SDS-PAGE and Immunoblotting
Spirochetes were grown to 1–5 × 107/mL, harvested by centrifugation, washed twice with HEPES–NaCl buffer (20 mM HEPES, pH 8.0; 50 mM NaCl) (HN) and whole cell lysates were analyzed by SDS-PAGE and immunoblots as previously described (Dulebohn et al., 2014). Antibodies were used at the following concentrations: αOspC 1:1000 (Tilly et al., 2007), αBBA66 1:4000 (Clifton et al., 2006), αNapA/BB690 1:5000 (Boylan et al., 2003), αRpoS 1:500 (Dulebohn et al., 2014), αFlagellin 1:100 (Barbour et al., 1986), and αFur/BosR 1:1000 (Boylan et al., 2003). Immunoblots were incubated in 1× TBS-T with an HRP (horseradish peroxidase) conjugated recombinant protein A (Thermo Fisher Scientific, Grand Island, NY, United States) at 1:4000 for 1 h at RT with shaking for the detection of OspC, NapA/BB690, RpoS, and BosR. For detection of flagellin, an anti-mouse secondary antibody-HRP conjugated antibody was used at 1:10,000 (Thermo Fisher Scientific) and detection of BBA66 was performed with a secondary HRP conjugated αChicken antibody at 1:50,000 in 1× TBS-T as previously described (Clifton et al., 2006). Immunoblots were developed using SuperSignal West Pico chemiluminescent substrate kit (Thermo Fisher Scientific) and X-ray film (Lab Scientific Inc., Livingston, NJ, United States). Quantification of OspC and BBA66 (Supplementary Figure S1) was performed using Image J software (Schneider et al., 2012).

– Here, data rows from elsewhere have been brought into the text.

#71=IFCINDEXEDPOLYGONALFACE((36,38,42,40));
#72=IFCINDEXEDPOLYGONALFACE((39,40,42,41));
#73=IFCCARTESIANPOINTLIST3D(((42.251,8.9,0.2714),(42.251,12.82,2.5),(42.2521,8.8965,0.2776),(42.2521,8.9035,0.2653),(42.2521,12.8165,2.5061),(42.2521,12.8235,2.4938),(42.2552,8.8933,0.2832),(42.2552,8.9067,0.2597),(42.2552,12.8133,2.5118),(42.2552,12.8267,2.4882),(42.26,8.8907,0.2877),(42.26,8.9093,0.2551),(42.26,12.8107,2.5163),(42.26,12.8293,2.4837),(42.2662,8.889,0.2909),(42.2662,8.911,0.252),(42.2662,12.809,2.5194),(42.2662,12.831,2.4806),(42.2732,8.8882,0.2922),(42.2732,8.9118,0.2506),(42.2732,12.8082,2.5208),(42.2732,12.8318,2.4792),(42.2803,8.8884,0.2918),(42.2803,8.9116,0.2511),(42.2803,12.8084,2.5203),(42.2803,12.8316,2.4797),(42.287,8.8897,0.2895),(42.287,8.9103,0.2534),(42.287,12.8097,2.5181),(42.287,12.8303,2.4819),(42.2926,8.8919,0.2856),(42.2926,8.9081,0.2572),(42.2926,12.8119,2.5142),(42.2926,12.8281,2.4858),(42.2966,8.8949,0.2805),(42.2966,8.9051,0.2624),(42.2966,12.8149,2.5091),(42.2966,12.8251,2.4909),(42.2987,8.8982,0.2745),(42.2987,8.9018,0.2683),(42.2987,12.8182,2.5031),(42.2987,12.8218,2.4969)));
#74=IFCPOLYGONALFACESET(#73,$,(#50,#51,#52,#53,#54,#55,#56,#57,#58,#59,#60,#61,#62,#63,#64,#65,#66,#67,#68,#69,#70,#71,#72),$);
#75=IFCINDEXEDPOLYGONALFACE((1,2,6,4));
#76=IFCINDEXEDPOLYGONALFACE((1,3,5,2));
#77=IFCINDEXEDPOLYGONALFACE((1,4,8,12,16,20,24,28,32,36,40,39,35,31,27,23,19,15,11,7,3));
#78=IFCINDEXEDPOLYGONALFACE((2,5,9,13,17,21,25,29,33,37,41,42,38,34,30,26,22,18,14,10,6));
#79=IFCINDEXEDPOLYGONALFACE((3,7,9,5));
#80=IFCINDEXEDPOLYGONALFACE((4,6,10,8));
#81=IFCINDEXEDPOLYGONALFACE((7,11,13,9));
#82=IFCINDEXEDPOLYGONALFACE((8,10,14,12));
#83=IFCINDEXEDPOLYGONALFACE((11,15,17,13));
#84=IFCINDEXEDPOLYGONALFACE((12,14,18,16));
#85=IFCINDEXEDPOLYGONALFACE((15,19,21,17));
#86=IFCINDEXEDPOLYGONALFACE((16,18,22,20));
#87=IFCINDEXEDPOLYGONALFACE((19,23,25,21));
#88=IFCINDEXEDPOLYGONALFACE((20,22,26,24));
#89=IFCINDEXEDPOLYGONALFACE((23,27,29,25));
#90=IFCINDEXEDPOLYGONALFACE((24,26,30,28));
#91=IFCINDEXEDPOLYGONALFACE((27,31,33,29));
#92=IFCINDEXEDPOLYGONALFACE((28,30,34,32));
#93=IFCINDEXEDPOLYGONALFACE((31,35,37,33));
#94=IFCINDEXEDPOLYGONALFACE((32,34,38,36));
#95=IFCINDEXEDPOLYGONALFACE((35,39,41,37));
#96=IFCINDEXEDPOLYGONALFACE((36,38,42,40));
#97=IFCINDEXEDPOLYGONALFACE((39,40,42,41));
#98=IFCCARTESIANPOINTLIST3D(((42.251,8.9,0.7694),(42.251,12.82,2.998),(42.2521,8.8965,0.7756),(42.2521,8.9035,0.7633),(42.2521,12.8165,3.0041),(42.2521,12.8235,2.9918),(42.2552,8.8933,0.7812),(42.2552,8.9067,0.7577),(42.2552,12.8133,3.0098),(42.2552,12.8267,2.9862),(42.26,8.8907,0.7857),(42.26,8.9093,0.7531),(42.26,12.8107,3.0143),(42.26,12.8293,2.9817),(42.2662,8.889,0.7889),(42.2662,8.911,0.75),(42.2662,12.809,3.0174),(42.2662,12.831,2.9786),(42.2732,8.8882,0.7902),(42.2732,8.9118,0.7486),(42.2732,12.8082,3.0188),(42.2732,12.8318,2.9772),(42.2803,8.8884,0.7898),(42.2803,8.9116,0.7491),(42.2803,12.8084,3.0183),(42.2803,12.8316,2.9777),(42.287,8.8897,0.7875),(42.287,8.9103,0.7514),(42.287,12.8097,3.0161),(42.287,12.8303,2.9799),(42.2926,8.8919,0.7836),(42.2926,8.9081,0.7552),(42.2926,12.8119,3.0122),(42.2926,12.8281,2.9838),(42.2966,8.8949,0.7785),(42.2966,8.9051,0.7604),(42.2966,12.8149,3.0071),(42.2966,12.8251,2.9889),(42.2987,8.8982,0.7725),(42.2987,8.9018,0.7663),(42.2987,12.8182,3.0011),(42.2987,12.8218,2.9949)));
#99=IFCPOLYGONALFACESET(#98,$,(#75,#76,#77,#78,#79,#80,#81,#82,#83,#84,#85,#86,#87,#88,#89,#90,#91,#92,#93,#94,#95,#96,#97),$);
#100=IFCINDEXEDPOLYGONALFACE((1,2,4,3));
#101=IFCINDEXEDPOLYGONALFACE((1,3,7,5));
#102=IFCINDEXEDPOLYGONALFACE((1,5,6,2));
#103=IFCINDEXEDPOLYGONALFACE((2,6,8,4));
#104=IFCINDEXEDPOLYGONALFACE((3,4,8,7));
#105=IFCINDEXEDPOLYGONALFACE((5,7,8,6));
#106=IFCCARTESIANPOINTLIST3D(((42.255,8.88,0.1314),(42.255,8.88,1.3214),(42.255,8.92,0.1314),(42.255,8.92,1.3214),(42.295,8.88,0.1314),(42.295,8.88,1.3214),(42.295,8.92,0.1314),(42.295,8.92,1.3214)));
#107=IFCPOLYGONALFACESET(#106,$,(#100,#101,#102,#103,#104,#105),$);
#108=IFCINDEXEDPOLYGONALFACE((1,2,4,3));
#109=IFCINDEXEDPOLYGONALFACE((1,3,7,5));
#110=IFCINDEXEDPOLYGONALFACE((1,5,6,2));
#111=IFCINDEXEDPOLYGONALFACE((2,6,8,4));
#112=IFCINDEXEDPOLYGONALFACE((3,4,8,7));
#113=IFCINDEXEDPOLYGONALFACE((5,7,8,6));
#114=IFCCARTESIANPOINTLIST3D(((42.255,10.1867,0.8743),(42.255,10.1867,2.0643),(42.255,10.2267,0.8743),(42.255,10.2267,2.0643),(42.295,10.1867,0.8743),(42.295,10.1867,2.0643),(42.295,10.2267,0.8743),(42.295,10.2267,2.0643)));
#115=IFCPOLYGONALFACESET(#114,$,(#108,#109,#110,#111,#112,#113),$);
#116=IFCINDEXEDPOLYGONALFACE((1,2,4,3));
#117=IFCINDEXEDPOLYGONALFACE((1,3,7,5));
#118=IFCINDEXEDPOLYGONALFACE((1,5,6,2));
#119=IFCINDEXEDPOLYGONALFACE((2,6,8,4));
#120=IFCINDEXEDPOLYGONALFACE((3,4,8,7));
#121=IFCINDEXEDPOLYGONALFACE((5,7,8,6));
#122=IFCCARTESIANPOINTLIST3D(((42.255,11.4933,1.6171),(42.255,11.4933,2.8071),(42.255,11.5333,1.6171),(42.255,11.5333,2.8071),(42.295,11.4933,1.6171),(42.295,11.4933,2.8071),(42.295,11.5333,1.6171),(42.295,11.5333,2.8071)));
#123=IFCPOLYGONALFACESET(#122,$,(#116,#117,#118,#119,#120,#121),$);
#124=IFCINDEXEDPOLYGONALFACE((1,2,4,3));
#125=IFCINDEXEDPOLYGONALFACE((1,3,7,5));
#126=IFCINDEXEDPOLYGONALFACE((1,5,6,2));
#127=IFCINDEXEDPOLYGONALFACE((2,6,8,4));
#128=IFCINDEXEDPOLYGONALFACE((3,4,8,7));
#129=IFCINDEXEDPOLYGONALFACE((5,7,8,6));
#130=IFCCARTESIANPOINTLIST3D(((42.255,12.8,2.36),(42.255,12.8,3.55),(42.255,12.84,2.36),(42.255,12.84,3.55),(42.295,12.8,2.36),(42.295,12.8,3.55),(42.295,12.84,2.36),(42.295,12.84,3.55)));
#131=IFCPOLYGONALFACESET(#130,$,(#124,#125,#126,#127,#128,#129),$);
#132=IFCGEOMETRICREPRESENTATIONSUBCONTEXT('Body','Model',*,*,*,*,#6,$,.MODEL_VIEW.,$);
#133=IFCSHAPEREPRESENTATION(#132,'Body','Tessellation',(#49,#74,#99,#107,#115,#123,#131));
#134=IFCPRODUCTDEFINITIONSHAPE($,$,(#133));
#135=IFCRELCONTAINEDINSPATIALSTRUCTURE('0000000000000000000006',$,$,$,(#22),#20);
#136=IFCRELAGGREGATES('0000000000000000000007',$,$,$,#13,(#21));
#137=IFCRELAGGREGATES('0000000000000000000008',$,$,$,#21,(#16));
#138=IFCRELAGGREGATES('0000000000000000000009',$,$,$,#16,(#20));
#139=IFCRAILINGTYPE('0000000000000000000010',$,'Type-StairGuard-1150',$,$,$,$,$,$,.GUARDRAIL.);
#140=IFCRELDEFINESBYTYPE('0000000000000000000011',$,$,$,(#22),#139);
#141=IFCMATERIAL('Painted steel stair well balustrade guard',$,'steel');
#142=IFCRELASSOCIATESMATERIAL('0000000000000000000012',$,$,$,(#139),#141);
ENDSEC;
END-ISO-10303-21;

Quantitative Reverse Transcriptase PCR
qRT-PCR was performed as previously described (Dulebohn et al., 2014) with minor modifications. Briefly, spirochetes were grown in BSK-II medium with or without benzoate or propionate, harvested at 1–5 × 107/mL, and washed with HN buffer. Spirochetes were resuspended in 1 mL of TRI reagent (Sigma-Aldrich) and RNA harvested using a Direct-zol RNA mini prep kit (ZYMO Research, Irvine, CA, United States). RNA (5 μg) was treated for 1 h with Turbo DNase (Thermo Fisher Scientific) and 1 ng subsequently used for cDNA synthesis using High-Capacity cDNA Reverse Transcription Kit (Thermo Fisher Scientific). cDNA was then used in qPCR reactions using the 5′ nuclease Prime Time Assay from IDT on a Viia 7 instrument (Thermo Fisher Scientific). Primers and probes are listed in Supplementary Table S1 and statistical analysis done with GraphPad PRISM software (GraphPad Software Inc., La Jolla, CA, United States).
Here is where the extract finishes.